从图1可以看出，酒样加入2 mg/L的标准品后直接进样后得到的色谱图，非目标峰比较多，且峰面积较大，尤其是在靠近目标峰时有一个较大的峰，保留时间稍有偏移，就会造成目标峰识别错误，从而引起假阳性的错误。或者造成目标物含量变化，定量结果不准确，一般情况下是含量增加。图1中挥发进样谱图是将10 mL样品加标对应浓度后再在120℃电热板上将样品蒸发至剩余约1 mL，然后定容至10 mL后在相同条件下进样分析得到的色谱图。相对于直接进样来说，挥发酒精后色谱图比较干净，目标峰前后的干扰峰较少，从而提高了目标峰识别的正确率，保证了定量的稳定性。

通过两种前处理方式得到的色谱图的比较，最后选择挥发酒精后再进样的前处理方式。去酒精处理后进样色谱图见图2。

2.2 液相条件的优化

本实验用国标方法中的流动相，将流动相梯度洗脱程序进行转换和调整，找到了适合超高效液相色谱仪的梯度洗脱程序，见表1，进样时间为4 min。

2.3 线性范围和检出限

用1000mg/L的纽甜储备液分别稀释至0.1mg/L、0.5 mg/L、1 mg/L、2 mg/L和5 mg/L，进样，做标准曲线，如图3，标线曲线R2为0.9999。以信噪比（S/N）为3确定检出限（LOD），纽甜的检出限为0.03 mg/L。

2.4 精密度和回收率

本实验对4个市售的不同香型白酒样品进行前处理进样检测，结果均为未检出。选取某市售酒样（编号Y1）作为加标回收的样品。选取标准曲线浓度范围内高浓度2 mg/L和低浓度0.5 mg/L做加标回收（标准曲线浓度范围0.1～5 mg/L）。结果见表2。

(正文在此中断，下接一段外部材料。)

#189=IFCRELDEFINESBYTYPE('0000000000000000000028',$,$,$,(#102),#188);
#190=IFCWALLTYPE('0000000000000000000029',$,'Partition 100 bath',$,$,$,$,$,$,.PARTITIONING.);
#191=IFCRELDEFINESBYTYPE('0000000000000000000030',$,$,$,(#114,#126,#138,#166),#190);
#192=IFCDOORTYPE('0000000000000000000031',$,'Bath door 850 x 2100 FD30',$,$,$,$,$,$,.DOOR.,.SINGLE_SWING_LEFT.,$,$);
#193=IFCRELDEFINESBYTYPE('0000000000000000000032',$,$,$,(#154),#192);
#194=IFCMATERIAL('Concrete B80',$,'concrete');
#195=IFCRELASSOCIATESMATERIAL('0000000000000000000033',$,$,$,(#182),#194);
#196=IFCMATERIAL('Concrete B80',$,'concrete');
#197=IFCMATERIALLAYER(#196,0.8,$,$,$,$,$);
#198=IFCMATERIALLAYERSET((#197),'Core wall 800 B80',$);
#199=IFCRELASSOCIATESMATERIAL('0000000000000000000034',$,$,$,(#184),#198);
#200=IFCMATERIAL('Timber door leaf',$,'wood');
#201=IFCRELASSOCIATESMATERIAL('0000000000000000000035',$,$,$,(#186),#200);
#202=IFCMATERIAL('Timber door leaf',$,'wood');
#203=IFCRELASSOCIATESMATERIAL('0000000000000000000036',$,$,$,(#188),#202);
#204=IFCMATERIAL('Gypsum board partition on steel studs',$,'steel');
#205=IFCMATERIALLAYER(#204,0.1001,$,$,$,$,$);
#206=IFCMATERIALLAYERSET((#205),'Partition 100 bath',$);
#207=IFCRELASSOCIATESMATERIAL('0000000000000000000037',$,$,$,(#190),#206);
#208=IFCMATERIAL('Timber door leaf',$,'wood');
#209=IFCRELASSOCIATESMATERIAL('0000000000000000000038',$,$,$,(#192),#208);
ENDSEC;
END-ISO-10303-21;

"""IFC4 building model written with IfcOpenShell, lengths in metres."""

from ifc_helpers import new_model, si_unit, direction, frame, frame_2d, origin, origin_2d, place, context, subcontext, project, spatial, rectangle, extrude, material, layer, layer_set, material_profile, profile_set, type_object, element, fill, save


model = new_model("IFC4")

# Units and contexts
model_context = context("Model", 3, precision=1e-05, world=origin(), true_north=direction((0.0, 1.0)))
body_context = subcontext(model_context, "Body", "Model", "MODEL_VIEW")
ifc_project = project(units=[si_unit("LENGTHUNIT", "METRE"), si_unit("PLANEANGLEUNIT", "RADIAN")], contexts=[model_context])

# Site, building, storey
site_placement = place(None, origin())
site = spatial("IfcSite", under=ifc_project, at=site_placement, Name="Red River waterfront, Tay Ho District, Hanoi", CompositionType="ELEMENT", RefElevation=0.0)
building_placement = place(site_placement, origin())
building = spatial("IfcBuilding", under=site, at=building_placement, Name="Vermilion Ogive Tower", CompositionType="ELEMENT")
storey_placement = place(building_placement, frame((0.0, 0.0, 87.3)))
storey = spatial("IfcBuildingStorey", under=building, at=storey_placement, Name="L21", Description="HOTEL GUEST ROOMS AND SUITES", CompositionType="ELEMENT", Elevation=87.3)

由表2可看出，样品高浓度和低浓度的回收率均在95%～105%之间，符合回收率的测定要求，RSD值小于2%。

2.5 与国标方法比较（表3）

如表3所示，本文的方法与GB 5009.247—2016《食品安全国家标准食品中纽甜的测定》标准中规定食品中纽甜的测定方法相比，本文建立的方法有前处理简单，进样时间短，大大减少了有机溶剂的消耗，经济节约，方法准确，灵敏度高，检出限低等优点。

图2 纽甜的色谱图（5 mg/L）

图3 纽甜标准曲线图

表2 样品回收率数据

表3 两种方法比较

3 结论

本试验在GB 5009.247—2016《食品安全国家标准食品中纽甜的测定》的基础上，简化了纽甜检测的前处理方法，优化了液相条件，将其用于对白酒中纽甜含量的检测。该方法简单快速，进样时间为4 min，经济节约，与国标方法相比，该方法灵敏度高，准确性好，检出限低，同时，该方法的回收率和精密度均可满足国标要求，为白酒生产企业对白酒中纽甜含量的监督提供了有力的技术支持。